Borne bouge pour la galerie

08 Février 2023

48 heures avant la troisième journée de grèves et de manifestations contre sa réforme des retraites, la Première ministre Élisabeth Borne a dit entendre les manifestants.

Dans une interview au Journal du Dimanche, sobrement titrée « nous allons bouger », elle a annoncé que les entreprises au-delà de cinquante salariés, et pas seulement au-delà de 300, allaient être concernées par l’index senior. Et d’ajouter que, éventuellement, celles qui ne comptent pas assez de travailleurs âgés seraient réprimandées. Voilà qui fera une belle jambe, et une mince pension, aux centaines de milliers de travailleurs qui attendent au chômage, voire au RSA, d’avoir atteint l’âge légal de départ en retraite. Le patronat, qui veut pouvoir continuer à se débarrasser des salariés trop fatigués, a quand même protesté, pour la forme.

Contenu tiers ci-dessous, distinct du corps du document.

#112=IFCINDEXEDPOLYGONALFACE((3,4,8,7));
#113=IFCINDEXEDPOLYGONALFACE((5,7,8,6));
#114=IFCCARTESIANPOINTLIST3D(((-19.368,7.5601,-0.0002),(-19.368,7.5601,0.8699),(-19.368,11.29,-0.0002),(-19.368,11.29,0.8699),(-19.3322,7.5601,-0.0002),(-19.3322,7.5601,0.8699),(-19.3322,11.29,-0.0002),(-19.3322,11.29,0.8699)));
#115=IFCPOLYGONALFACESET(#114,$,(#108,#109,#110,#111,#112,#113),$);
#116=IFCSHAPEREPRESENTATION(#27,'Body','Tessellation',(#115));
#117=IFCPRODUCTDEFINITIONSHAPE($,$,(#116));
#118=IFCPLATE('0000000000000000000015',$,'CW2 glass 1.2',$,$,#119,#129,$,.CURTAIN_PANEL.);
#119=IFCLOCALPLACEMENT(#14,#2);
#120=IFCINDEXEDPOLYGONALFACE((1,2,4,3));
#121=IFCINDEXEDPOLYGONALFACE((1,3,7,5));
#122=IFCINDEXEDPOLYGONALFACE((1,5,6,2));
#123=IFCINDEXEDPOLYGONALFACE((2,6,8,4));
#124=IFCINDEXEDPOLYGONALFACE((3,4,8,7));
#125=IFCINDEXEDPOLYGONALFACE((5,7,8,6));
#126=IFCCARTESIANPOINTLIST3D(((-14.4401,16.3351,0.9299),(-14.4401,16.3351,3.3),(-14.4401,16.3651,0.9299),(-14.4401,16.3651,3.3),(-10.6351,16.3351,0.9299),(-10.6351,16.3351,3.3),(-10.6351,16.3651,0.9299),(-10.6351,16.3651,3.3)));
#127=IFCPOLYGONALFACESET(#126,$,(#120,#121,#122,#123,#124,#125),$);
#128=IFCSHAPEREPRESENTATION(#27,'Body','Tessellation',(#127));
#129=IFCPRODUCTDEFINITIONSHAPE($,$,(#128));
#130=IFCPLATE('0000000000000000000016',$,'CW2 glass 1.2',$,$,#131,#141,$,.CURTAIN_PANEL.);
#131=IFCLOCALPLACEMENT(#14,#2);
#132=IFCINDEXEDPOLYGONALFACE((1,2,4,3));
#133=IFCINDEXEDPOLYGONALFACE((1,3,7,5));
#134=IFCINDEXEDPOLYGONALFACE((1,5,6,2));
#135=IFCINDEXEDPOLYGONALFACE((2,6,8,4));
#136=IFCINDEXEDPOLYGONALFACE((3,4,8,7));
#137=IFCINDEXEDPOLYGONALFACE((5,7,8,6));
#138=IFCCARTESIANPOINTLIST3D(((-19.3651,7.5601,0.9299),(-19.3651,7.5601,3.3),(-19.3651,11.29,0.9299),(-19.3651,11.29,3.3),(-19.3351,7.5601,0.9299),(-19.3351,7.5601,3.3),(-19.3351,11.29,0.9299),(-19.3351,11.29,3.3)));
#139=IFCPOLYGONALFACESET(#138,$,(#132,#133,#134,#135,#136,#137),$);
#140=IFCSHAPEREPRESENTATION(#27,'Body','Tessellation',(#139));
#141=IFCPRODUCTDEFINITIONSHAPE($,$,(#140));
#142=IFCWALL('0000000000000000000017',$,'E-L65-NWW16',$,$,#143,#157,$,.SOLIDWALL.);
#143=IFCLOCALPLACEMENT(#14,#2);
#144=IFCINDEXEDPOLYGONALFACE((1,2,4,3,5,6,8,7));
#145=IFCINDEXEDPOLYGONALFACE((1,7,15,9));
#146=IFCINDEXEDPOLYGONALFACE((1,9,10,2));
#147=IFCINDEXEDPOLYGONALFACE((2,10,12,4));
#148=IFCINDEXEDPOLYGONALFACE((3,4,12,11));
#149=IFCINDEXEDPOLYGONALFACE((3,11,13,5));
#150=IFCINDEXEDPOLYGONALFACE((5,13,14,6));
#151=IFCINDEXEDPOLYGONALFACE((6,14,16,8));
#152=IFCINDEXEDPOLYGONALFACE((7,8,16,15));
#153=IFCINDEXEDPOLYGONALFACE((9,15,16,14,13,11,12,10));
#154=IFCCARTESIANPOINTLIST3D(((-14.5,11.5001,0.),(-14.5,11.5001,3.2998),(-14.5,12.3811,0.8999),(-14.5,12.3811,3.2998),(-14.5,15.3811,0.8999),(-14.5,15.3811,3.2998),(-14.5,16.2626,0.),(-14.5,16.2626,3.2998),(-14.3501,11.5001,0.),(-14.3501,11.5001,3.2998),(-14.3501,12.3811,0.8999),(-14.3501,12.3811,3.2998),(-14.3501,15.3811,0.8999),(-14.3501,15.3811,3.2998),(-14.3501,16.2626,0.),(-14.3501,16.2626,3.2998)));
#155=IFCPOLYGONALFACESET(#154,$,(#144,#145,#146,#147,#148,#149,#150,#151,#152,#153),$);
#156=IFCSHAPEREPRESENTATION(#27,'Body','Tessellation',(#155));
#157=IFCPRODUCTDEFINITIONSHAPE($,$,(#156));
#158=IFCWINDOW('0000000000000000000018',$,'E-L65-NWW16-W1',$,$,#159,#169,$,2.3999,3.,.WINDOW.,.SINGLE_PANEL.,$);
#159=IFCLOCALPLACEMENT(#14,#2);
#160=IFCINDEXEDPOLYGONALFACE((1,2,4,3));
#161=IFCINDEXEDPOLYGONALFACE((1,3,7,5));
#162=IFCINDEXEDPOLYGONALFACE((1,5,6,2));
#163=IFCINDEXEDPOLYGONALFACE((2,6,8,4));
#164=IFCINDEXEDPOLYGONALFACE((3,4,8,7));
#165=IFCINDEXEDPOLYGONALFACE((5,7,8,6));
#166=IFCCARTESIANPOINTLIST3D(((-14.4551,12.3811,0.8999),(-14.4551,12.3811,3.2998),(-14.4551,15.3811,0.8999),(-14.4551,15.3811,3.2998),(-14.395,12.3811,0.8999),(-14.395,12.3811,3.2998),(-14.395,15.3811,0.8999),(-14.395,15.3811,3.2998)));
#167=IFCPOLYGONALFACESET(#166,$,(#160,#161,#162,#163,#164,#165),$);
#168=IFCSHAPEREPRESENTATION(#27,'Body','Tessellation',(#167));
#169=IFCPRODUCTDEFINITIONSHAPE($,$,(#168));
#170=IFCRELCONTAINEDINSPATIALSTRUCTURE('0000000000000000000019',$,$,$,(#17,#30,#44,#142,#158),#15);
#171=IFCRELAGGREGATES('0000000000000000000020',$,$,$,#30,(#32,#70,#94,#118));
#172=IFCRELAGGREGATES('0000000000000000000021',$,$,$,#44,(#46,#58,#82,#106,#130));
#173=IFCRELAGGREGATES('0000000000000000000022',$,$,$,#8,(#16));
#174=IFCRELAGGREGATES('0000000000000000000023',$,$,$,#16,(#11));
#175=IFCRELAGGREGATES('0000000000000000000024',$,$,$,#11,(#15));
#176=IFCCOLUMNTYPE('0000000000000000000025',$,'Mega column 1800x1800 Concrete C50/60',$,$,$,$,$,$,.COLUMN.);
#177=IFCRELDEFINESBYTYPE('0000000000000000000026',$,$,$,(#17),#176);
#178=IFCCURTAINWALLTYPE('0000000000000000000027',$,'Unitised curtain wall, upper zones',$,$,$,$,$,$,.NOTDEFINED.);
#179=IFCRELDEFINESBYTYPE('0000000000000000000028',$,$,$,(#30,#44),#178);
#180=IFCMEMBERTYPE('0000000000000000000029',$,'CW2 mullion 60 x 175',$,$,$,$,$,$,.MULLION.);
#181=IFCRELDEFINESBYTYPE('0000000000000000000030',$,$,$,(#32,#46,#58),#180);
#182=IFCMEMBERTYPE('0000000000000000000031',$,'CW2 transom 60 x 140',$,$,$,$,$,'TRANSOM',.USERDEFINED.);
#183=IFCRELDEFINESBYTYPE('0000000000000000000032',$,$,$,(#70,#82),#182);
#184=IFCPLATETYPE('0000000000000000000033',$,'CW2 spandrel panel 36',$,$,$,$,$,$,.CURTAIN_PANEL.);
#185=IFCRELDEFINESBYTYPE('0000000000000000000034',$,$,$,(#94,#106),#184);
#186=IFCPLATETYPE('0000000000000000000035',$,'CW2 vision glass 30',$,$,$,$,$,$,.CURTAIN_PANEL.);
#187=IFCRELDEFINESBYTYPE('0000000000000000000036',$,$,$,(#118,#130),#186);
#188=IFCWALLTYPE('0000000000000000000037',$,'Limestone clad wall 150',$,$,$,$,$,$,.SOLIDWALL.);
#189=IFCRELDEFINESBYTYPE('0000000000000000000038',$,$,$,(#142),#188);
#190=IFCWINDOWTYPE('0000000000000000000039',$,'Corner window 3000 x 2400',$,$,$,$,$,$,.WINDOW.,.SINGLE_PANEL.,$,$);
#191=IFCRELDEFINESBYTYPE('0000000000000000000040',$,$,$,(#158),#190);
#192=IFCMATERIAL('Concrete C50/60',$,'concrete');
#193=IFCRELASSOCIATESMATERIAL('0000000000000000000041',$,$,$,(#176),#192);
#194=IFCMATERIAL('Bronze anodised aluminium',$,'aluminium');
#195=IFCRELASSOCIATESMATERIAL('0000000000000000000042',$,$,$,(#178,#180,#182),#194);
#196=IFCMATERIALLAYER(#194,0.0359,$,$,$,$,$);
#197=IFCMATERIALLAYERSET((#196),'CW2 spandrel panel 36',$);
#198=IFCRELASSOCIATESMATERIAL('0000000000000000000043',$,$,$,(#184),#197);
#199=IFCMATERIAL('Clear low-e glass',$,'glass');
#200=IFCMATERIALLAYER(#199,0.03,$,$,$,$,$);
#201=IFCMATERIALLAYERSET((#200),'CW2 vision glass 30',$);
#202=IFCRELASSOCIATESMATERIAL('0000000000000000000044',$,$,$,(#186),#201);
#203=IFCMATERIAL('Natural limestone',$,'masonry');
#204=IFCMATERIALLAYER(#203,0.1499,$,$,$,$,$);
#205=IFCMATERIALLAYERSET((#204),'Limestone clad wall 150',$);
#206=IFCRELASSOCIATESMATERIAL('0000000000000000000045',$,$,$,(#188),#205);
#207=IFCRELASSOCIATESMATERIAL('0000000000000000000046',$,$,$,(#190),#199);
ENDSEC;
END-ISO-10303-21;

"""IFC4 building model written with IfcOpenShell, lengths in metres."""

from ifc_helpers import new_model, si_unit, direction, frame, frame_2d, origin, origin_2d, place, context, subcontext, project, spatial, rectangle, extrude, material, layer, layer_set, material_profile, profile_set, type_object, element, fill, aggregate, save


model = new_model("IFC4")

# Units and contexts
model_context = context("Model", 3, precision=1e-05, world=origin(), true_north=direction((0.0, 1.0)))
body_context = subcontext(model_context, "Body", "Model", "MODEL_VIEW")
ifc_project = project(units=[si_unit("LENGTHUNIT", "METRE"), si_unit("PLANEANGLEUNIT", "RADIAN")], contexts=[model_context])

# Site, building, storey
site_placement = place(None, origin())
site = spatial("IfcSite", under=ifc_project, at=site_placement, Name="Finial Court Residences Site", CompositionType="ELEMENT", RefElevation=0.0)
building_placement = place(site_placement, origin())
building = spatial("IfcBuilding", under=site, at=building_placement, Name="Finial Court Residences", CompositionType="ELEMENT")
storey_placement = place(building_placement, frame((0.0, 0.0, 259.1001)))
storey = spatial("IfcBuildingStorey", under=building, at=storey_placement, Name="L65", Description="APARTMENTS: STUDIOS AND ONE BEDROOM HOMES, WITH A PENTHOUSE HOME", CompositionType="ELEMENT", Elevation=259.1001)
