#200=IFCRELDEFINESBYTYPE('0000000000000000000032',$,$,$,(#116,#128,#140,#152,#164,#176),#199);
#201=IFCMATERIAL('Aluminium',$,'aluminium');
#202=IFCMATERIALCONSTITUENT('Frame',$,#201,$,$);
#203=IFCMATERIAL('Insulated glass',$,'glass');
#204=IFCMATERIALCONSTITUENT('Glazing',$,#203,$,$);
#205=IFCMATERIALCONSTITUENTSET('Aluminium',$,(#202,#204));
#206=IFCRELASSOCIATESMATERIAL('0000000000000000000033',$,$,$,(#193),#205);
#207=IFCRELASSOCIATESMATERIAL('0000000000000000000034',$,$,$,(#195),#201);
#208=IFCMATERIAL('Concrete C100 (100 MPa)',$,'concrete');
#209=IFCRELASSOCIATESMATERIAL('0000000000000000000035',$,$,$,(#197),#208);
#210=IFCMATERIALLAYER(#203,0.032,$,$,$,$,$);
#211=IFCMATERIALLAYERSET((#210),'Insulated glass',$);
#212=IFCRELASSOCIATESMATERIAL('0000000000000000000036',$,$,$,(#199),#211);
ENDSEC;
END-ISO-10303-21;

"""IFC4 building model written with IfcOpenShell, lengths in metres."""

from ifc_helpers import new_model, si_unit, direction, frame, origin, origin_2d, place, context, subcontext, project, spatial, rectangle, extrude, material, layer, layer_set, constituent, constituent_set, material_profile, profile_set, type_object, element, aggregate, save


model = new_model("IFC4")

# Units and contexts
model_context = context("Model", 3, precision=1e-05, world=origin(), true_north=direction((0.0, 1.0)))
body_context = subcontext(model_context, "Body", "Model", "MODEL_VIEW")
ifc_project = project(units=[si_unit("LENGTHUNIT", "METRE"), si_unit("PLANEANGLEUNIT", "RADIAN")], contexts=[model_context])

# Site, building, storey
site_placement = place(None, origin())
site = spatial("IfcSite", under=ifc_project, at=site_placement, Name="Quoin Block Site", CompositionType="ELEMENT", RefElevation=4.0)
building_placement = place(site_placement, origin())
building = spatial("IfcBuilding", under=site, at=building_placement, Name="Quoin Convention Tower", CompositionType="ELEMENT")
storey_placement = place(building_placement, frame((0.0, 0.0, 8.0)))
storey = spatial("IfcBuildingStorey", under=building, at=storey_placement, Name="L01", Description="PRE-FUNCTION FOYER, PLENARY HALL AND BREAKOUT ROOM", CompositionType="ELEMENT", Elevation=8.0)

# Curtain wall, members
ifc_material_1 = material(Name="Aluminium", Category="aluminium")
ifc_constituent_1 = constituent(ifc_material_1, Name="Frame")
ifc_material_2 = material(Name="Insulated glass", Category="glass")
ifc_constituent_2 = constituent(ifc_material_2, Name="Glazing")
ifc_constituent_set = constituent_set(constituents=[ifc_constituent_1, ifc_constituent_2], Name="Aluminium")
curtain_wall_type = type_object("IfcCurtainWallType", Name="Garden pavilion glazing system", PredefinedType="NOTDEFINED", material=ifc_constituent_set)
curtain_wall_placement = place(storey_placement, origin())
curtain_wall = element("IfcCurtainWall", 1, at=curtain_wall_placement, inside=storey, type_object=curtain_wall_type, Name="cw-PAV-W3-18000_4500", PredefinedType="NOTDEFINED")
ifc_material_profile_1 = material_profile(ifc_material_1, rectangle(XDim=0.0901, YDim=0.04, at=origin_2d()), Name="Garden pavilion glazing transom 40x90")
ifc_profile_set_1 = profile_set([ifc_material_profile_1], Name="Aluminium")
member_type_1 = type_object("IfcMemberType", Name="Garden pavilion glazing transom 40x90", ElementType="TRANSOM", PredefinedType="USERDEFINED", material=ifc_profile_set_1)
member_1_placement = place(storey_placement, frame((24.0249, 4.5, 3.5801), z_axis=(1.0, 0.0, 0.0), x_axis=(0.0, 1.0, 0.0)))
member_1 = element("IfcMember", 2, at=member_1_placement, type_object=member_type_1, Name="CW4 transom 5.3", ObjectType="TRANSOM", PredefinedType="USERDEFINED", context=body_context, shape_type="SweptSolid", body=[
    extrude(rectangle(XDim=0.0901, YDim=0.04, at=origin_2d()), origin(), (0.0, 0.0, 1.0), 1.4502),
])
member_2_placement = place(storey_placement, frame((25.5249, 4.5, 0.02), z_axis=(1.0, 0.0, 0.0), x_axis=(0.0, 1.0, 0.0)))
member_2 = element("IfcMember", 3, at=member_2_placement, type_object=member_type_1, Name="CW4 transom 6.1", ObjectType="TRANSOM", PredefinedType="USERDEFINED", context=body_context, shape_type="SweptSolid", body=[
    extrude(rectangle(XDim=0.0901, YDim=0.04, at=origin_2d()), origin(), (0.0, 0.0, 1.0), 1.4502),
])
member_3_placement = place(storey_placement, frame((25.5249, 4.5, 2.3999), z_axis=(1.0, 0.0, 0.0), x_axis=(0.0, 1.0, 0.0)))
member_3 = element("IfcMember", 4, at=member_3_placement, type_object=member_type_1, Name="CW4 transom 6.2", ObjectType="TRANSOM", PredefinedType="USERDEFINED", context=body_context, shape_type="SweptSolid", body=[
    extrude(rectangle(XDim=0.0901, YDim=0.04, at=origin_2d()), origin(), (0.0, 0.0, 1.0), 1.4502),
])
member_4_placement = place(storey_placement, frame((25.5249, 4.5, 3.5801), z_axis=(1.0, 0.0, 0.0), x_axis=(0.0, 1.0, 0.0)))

D’autre part, la Première ministre a concédé que les salariés qui auraient commencé entre 20 et 21 ans et justifieraient de 43 annuités pourraient partir à 63 ans au lieu de 64. D’après les calculs ministériels cette mesure toucherait tout au plus 30 000 personnes par an. C’est cela que Borne appelle « bouger »…. Même lorsqu’elle prétend concéder quelque chose, la Première ministre démontre la nocivité de sa réforme !

Ces annonces visaient en fait à donner aux députés de droite qui rechignent encore un prétexte pour changer d’avis et soutenir le projet gouvernemental. Manifestement cela n’a pas suffi et quelques députés de droite n’en continuent pas moins à prendre, à bon compte contre ce gouvernement, des postures de défenseurs du peuple. Quant aux travailleurs, que Borne se fiche en fait de convaincre, ils n’ont que faire de misérables concessions et exigent que le gouvernement retire tout son projet.